# Halal meat in gladstone



## asif1142 (Mar 20, 2012)

Hi every body,

Just moved to Gladstone and wondering if i can get halal food / meat here. Further any idea about Masjid in the vicinity for Jumma Prayer.

Thanks in advance.
Muhammad Asif Mehmud


----------



## Hassan_Warraich (Jun 24, 2011)

asif1142 said:


> Hi every body,
> 
> Just moved to Gladstone and wondering if i can get halal food / meat here. Further any idea about Masjid in the vicinity for Jumma Prayer.
> 
> ...


Hope it helps:

About Us « Afic


----------



## asif1142 (Mar 20, 2012)

Hassan_Warraich said:


> Hope it helps:
> 
> About Us « Afic



Dear Hassan,

Thanks for the link.

I am still struggling to find one in our area. Actually this part of the world is the eastern region of Australia and not much asians are there not to speak of Muslims.
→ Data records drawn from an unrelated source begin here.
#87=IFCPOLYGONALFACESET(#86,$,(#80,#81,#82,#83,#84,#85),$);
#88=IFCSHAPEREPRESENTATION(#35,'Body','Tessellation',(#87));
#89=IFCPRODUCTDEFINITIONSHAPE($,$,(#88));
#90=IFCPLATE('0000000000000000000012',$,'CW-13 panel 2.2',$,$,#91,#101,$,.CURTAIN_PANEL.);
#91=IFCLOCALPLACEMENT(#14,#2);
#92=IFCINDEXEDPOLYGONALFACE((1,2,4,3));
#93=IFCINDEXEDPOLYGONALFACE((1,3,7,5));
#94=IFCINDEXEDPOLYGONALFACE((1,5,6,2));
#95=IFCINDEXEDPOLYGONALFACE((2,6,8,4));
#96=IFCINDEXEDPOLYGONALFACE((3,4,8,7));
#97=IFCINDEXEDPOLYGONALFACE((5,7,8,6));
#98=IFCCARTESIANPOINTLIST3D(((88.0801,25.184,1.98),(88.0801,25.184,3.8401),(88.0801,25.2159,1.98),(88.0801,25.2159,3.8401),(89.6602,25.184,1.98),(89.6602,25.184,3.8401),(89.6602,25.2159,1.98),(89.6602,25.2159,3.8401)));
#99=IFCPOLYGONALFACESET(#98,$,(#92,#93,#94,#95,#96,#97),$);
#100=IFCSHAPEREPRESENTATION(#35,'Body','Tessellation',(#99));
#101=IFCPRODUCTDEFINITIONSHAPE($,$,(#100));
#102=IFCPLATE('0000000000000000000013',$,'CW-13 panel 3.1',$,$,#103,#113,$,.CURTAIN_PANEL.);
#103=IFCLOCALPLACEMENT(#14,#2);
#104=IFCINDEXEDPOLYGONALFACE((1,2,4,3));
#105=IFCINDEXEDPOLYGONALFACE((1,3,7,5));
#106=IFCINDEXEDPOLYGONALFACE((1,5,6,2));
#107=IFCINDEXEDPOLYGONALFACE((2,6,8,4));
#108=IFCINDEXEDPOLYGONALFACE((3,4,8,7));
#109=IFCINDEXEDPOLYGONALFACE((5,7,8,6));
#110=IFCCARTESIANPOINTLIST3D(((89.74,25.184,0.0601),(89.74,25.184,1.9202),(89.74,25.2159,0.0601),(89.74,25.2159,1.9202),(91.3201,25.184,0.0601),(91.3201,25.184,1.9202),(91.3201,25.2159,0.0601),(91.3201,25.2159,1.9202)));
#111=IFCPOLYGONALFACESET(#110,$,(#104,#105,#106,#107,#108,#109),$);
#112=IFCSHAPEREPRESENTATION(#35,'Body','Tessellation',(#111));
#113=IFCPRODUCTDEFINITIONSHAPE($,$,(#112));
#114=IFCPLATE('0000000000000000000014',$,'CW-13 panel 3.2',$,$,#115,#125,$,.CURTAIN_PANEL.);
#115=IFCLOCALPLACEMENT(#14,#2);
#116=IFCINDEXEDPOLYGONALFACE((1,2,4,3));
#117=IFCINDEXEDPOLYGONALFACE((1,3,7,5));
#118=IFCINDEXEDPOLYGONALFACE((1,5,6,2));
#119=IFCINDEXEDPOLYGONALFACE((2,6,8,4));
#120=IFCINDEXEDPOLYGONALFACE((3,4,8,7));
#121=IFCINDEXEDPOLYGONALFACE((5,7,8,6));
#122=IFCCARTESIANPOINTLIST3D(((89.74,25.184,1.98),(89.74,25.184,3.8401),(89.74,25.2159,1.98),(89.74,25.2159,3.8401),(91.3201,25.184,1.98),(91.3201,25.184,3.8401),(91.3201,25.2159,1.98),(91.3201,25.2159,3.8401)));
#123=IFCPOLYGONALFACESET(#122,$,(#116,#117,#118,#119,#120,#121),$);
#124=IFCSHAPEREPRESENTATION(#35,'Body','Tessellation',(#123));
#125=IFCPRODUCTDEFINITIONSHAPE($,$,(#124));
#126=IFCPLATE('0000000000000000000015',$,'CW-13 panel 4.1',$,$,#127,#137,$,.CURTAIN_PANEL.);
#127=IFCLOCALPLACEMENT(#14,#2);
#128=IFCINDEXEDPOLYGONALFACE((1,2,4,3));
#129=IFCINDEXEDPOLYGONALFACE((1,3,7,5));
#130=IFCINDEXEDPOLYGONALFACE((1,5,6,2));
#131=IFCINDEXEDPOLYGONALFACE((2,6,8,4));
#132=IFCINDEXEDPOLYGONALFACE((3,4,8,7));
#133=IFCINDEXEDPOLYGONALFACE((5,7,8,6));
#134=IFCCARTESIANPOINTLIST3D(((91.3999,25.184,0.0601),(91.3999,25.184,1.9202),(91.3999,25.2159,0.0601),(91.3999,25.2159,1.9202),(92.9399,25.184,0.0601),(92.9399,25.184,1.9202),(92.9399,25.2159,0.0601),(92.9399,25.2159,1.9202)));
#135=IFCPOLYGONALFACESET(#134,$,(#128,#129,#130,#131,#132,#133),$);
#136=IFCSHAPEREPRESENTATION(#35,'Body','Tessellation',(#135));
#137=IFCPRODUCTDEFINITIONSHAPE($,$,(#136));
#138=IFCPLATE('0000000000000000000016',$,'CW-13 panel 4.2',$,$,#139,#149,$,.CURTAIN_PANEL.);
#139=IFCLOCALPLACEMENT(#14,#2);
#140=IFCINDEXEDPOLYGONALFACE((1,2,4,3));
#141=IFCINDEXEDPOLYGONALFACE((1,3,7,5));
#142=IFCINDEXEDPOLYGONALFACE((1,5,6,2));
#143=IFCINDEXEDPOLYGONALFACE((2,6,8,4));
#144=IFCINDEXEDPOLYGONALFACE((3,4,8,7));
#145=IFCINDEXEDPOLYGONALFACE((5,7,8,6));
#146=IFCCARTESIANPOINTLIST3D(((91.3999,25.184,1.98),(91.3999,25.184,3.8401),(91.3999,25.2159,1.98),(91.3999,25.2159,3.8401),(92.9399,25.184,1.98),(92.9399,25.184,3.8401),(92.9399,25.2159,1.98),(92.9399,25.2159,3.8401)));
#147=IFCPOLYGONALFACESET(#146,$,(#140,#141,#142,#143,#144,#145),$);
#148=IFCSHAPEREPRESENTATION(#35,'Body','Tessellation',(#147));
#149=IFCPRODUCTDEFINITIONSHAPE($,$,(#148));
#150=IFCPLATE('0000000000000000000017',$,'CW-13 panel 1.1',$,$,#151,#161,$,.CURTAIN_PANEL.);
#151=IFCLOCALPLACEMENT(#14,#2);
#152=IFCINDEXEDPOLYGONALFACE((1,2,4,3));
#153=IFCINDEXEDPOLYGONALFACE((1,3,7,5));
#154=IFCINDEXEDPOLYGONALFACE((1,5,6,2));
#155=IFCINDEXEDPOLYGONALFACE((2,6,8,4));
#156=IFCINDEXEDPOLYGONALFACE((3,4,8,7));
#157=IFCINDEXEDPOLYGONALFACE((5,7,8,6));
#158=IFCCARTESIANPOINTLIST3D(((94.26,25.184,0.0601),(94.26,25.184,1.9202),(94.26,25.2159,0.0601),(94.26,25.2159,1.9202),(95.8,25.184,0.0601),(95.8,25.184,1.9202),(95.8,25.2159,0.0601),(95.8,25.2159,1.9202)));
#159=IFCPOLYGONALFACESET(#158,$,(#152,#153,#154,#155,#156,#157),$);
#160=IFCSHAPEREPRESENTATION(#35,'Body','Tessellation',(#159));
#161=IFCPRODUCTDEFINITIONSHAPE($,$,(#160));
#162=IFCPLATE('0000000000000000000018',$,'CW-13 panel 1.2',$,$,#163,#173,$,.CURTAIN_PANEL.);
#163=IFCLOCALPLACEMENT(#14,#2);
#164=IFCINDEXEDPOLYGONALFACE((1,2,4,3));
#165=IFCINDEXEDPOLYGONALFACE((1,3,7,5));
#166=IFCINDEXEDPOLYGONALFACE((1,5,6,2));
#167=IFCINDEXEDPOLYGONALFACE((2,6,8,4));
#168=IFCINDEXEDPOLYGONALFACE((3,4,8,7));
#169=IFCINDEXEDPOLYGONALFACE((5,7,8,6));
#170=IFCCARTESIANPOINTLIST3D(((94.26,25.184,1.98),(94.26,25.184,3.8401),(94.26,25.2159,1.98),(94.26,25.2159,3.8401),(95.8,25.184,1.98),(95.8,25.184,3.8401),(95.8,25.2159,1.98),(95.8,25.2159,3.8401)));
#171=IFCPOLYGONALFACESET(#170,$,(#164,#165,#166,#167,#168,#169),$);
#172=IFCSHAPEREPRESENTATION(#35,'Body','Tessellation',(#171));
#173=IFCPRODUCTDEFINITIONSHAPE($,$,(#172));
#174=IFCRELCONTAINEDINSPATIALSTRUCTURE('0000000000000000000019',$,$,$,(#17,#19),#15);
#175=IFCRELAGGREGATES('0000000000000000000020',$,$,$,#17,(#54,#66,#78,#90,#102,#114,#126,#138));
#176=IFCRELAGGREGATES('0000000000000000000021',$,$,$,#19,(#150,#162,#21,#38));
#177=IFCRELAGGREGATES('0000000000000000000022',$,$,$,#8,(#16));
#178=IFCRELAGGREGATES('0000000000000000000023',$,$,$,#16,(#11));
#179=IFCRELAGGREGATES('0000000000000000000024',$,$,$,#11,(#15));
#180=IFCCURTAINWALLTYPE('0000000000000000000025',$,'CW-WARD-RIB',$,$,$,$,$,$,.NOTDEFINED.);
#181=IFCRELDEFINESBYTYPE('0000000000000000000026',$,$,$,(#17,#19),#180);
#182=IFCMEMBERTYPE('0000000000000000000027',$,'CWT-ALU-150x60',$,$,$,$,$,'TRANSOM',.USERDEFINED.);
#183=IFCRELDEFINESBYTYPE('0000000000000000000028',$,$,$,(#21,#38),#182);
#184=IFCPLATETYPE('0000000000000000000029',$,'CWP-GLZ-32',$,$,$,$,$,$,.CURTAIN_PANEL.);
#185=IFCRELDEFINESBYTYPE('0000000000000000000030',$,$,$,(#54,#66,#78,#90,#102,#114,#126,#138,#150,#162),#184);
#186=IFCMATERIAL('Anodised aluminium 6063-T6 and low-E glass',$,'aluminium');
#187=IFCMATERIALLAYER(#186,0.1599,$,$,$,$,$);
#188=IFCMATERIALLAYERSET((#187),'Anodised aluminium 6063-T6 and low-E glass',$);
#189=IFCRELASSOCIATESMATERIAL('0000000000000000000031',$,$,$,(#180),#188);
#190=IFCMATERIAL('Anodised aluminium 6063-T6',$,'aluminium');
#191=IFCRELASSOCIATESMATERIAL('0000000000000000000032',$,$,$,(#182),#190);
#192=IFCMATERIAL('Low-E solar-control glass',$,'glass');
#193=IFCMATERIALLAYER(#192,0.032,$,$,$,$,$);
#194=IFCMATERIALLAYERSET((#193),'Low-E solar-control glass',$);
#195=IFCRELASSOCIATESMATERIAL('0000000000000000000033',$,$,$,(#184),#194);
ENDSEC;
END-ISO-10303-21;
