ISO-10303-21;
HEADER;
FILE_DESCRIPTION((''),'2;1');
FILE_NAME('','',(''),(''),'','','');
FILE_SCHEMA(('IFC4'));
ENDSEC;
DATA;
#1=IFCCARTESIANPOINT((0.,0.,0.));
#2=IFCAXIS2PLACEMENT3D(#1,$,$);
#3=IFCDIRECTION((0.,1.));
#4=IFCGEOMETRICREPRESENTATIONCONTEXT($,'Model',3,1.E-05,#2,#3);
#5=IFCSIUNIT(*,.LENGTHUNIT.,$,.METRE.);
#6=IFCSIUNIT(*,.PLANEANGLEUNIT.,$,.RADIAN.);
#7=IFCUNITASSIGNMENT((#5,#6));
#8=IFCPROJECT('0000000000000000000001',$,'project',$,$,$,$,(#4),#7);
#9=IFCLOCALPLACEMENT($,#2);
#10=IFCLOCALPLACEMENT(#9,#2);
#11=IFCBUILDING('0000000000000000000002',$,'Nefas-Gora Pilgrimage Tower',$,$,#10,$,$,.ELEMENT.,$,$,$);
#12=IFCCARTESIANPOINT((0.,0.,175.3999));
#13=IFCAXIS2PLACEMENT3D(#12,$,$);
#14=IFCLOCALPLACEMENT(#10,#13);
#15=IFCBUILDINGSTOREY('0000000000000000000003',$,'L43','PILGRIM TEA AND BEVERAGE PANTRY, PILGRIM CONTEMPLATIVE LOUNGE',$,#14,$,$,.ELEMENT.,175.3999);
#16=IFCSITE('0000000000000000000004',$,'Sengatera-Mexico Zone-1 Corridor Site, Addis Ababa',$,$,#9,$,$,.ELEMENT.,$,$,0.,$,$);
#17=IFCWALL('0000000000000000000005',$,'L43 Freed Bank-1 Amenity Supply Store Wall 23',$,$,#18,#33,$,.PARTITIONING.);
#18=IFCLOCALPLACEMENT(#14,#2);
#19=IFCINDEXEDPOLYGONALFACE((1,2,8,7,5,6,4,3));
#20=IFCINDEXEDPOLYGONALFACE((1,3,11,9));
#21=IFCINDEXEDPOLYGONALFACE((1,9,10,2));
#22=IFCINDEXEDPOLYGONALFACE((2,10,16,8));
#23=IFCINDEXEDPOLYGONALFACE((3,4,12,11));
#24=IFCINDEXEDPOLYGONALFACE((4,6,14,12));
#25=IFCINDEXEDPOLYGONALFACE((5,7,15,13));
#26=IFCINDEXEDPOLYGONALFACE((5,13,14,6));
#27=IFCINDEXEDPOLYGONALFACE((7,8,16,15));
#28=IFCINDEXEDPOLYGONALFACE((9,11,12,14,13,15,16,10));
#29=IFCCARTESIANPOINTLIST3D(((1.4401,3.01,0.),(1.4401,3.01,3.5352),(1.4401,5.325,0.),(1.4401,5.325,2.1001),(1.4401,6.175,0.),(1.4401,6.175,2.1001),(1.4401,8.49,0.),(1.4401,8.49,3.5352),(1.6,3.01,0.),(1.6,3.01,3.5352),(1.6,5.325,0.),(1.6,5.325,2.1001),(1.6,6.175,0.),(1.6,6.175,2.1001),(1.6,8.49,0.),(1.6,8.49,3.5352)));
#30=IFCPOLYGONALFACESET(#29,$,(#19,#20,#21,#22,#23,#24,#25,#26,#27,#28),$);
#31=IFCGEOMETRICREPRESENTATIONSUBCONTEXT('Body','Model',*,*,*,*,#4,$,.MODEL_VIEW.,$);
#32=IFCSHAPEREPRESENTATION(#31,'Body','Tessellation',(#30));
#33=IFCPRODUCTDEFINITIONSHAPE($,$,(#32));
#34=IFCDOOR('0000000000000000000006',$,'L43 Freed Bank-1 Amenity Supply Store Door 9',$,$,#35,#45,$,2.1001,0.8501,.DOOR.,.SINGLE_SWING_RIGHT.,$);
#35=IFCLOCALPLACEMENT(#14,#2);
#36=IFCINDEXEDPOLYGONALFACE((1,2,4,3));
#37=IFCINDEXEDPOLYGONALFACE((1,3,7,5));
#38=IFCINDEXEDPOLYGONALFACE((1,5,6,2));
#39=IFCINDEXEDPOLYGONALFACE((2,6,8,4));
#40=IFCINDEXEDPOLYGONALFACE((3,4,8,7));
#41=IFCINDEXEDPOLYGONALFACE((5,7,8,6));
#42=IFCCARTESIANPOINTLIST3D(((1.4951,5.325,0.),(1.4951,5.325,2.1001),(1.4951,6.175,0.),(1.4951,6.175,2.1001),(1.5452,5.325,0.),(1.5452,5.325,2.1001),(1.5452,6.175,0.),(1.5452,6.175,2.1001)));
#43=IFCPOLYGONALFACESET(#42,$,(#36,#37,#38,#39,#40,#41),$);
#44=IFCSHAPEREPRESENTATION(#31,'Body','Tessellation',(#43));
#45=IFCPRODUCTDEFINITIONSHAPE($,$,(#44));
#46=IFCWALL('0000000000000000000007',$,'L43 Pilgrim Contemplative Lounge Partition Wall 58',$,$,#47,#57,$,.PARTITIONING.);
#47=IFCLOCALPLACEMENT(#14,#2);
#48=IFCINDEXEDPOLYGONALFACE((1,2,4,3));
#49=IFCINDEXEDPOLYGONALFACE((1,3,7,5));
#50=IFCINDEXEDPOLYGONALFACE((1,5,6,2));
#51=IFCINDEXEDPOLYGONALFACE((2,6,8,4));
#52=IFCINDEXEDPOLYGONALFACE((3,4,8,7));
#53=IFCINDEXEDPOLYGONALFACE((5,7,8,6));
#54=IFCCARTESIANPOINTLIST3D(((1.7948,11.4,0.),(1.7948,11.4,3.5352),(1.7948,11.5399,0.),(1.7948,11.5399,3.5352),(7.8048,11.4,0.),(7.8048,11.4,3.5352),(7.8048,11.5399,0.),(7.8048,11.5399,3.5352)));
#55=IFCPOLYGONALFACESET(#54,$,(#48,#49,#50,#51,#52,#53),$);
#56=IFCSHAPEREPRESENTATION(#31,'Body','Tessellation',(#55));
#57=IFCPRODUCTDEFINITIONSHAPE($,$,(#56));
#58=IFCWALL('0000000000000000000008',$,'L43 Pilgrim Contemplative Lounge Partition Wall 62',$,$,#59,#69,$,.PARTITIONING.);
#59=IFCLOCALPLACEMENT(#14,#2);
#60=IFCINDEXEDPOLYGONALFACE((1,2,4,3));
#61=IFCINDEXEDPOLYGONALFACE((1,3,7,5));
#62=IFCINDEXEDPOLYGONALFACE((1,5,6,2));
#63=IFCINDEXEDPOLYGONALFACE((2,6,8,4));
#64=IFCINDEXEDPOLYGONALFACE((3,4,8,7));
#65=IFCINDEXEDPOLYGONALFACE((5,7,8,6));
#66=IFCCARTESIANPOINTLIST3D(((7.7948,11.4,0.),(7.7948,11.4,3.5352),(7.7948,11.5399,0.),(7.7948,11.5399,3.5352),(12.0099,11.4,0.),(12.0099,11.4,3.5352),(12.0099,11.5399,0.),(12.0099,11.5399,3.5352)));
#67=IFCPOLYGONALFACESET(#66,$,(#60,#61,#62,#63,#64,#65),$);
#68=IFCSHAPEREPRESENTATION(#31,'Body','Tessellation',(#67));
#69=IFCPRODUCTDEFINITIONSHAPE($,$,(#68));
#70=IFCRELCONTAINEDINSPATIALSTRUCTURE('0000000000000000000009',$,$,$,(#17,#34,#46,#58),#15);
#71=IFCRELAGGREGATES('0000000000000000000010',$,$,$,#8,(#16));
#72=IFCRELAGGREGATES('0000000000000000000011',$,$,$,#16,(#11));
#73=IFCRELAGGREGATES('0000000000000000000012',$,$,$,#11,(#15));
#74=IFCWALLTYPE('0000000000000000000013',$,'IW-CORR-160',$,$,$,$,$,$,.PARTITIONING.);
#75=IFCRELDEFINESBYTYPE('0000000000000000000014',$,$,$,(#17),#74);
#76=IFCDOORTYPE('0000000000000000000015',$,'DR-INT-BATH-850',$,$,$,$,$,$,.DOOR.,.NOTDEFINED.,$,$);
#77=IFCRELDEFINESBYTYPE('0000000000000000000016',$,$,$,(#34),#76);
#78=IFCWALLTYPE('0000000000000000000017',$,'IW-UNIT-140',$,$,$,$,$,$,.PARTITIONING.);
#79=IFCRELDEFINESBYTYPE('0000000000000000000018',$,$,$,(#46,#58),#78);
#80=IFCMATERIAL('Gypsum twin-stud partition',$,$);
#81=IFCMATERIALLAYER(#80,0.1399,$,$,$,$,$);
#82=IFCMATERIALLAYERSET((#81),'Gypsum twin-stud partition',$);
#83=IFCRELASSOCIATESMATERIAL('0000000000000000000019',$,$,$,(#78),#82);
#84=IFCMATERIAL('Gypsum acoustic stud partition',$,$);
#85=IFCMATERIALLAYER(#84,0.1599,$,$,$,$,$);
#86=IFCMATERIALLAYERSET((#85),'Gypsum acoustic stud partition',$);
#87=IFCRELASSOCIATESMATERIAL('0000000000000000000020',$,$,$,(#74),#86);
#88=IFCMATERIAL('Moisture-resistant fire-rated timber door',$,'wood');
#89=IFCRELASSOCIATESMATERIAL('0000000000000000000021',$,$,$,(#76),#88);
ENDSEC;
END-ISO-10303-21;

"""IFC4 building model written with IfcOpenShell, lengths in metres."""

from ifc_helpers import new_model, si_unit, direction, frame, frame_2d, origin, place, context, subcontext, project, spatial, rectangle, extrude, source, transform, mapped, material, layer, layer_set, type_object, element, fill, save


model = new_model("IFC4")

# Units and contexts
model_context = context("Model", 3, precision=1e-05, world=origin(), true_north=direction((0.0, 1.0)))
body_context = subcontext(model_context, "Body", "Model", "MODEL_VIEW")
ifc_project = project(units=[si_unit("LENGTHUNIT", "METRE"), si_unit("PLANEANGLEUNIT", "RADIAN")], contexts=[model_context])

# Site, building, storey
site_placement = place(None, origin())
site = spatial("IfcSite", under=ifc_project, at=site_placement, Name="Sengatera-Mexico Zone-1 Corridor Site, Addis Ababa", CompositionType="ELEMENT", RefElevation=0.0)
building_placement = place(site_placement, origin())
building = spatial("IfcBuilding", under=site, at=building_placement, Name="Nefas-Gora Pilgrimage Tower", CompositionType="ELEMENT")
storey_placement = place(building_placement, frame((0.0, 0.0, 175.3999)))
storey = spatial("IfcBuildingStorey", under=building, at=storey_placement, Name="L43", Description="PILGRIM TEA AND BEVERAGE PANTRY, PILGRIM CONTEMPLATIVE LOUNGE", CompositionType="ELEMENT", Elevation=175.3999)

# Shared definitions
ifc_material_1 = material(Name="Gypsum twin-stud partition")
ifc_layer_1 = layer(ifc_material_1, 0.1399)
ifc_layer_set_1 = layer_set([ifc_layer_1], Name="Gypsum twin-stud partition")
wall_type_1 = type_object("IfcWallType", Name="IW-UNIT-140", PredefinedType="PARTITIONING", material=ifc_layer_set_1)
ifc_material_2 = material(Name="Gypsum acoustic stud partition")
ifc_layer_2 = layer(ifc_material_2, 0.1599)
ifc_layer_set_2 = layer_set([ifc_layer_2], Name="Gypsum acoustic stud partition")
wall_type_2 = type_object("IfcWallType", Name="IW-CORR-160", PredefinedType="PARTITIONING", material=ifc_layer_set_2)

# Wall, opening, door
shared_shape_1 = source(origin(), body_context, "Body", "SweptSolid", [
    extrude(rectangle(XDim=5.48, YDim=0.1599, at=frame_2d((2.74, 0.0))), origin(), (0.0, 0.0, 1.0), 3.5352),
])
ifc_material_3 = material(Name="Moisture-resistant fire-rated timber door", Category="wood")
door_type_1 = type_object("IfcDoorType", Name="DR-INT-BATH-850", OperationType="NOTDEFINED", PredefinedType="DOOR", material=ifc_material_3)
shared_shape_2 = source(origin(), body_context, "Body", "SweptSolid", [
    extrude(rectangle(XDim=0.8501, YDim=2.1001, at=frame_2d((0.425, 1.05))), frame((0.0, 0.0249, 0.0), z_axis=(0.0, -1.0, 0.0), x_axis=(1.0, 0.0, 0.0)), (0.0, 0.0, 1.0), 0.05),
])
wall_1_placement = place(storey_placement, frame((1.52, 3.01, 0.0), z_axis=(0.0, 0.0, 1.0), x_axis=(0.0, 1.0, 0.0)))
wall_1 = element("IfcWall", 1, at=wall_1_placement, inside=storey, type_object=wall_type_2, Name="L43 Freed Bank-1 Amenity Supply Store Wall 23", PredefinedType="PARTITIONING", context=body_context, shape_type="MappedRepresentation", body=[
    mapped(shared_shape_1, transform((0.0, 0.0, 0.0), x_axis=(1.0, 0.0, 0.0), y_axis=(0.0, 1.0, 0.0), z_axis=(0.0, 0.0, 1.0), scale=1.0)),
])
opening_1_placement = place(wall_1_placement, frame((2.3149, 0.0, 0.0)))
opening_1 = element("IfcOpeningElement", 2, at=opening_1_placement, cuts=wall_1, PredefinedType="OPENING", context=body_context, shape_type="SweptSolid", body=[
    extrude(rectangle(XDim=0.8501, YDim=2.1001, at=frame_2d((0.425, 1.05))), frame((0.0, 0.0898, 0.0), z_axis=(0.0, -1.0, 0.0), x_axis=(1.0, 0.0, 0.0)), (0.0, 0.0, 1.0), 0.1799),
])
door_1_placement = place(opening_1_placement, origin())
door_1 = element("IfcDoor", 3, at=door_1_placement, inside=storey, type_object=door_type_1, Name="L43 Freed Bank-1 Amenity Supply Store Door 9", OperationType="SINGLE_SWING_RIGHT", OverallHeight=2.1001, OverallWidth=0.8501, PredefinedType="DOOR", context=body_context, shape_type="MappedRepresentation", body=[
    mapped(shared_shape_2, transform((0.0, 0.0, 0.0), x_axis=(1.0, 0.0, 0.0), y_axis=(0.0, 1.0, 0.0), z_axis=(0.0, 0.0, 1.0), scale=1.0)),
])
fill(opening_1, door_1)

# Walls
shared_shape_3 = source(origin(), body_context, "Body", "SweptSolid", [
    extrude(rectangle(XDim=6.01, YDim=0.1399, at=frame_2d((3.0049, 0.0))), origin(), (0.0, 0.0, 1.0), 3.5352),
])
wall_2_placement = place(storey_placement, frame((1.7949, 11.47, 0.0), z_axis=(0.0, 0.0, 1.0), x_axis=(1.0, 0.0, 0.0)))
element("IfcWall", 4, at=wall_2_placement, inside=storey, type_object=wall_type_1, Name="L43 Pilgrim Contemplative Lounge Partition Wall 58", PredefinedType="PARTITIONING", context=body_context, shape_type="MappedRepresentation", body=[
    mapped(shared_shape_3, transform((0.0, 0.0, 0.0), x_axis=(1.0, 0.0, 0.0), y_axis=(0.0, 1.0, 0.0), z_axis=(0.0, 0.0, 1.0), scale=1.0)),
])
shared_shape_4 = source(origin(), body_context, "Body", "SweptSolid", [
    extrude(rectangle(XDim=4.2151, YDim=0.1399, at=frame_2d((2.1074, 0.0))), origin(), (0.0, 0.0, 1.0), 3.5352),
])
wall_3_placement = place(storey_placement, frame((7.7949, 11.47, 0.0), z_axis=(0.0, 0.0, 1.0), x_axis=(1.0, 0.0, 0.0)))
element("IfcWall", 5, at=wall_3_placement, inside=storey, type_object=wall_type_1, Name="L43 Pilgrim Contemplative Lounge Partition Wall 62", PredefinedType="PARTITIONING", context=body_context, shape_type="MappedRepresentation", body=[
    mapped(shared_shape_4, transform((0.0, 0.0, 0.0), x_axis=(1.0, 0.0, 0.0), y_axis=(0.0, 1.0, 0.0), z_axis=(0.0, 0.0, 1.0), scale=1.0)),
])

save(model, "model.ifc")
Any how please do keep me posting if you find any such site or information.

Regards
Asif


----------



## shafaqat309 (Apr 7, 2009)

Halal Maps


----------



## asif1142 (Mar 20, 2012)

shafaqat309 said:


> Halal Maps


Thanks Shafqat,

Still it does not shows any thing in gladstone.

Appreciate your efforts

Cheers


----------



## Hassan_Warraich (Jun 24, 2011)

Dear Asif;

I came by following two websites/organisations regarding halal food in Australia:

http://www.kasehdia.com/
Welcome to Halal Guides

thanks.


----------



## Halal (Mar 8, 2013)

Barry Point Butchery Gladstone Queensland have Halal Meat. When anyone go and ask for halal meat please ask some senior members as the new people wouldn't even know the meaning of it. So chicken beef and motton are absolutely halal. When you buy meat tell them you need halal as they have got other ones too. So they will give you the one supplied to them by a halal company.

Cheers


----------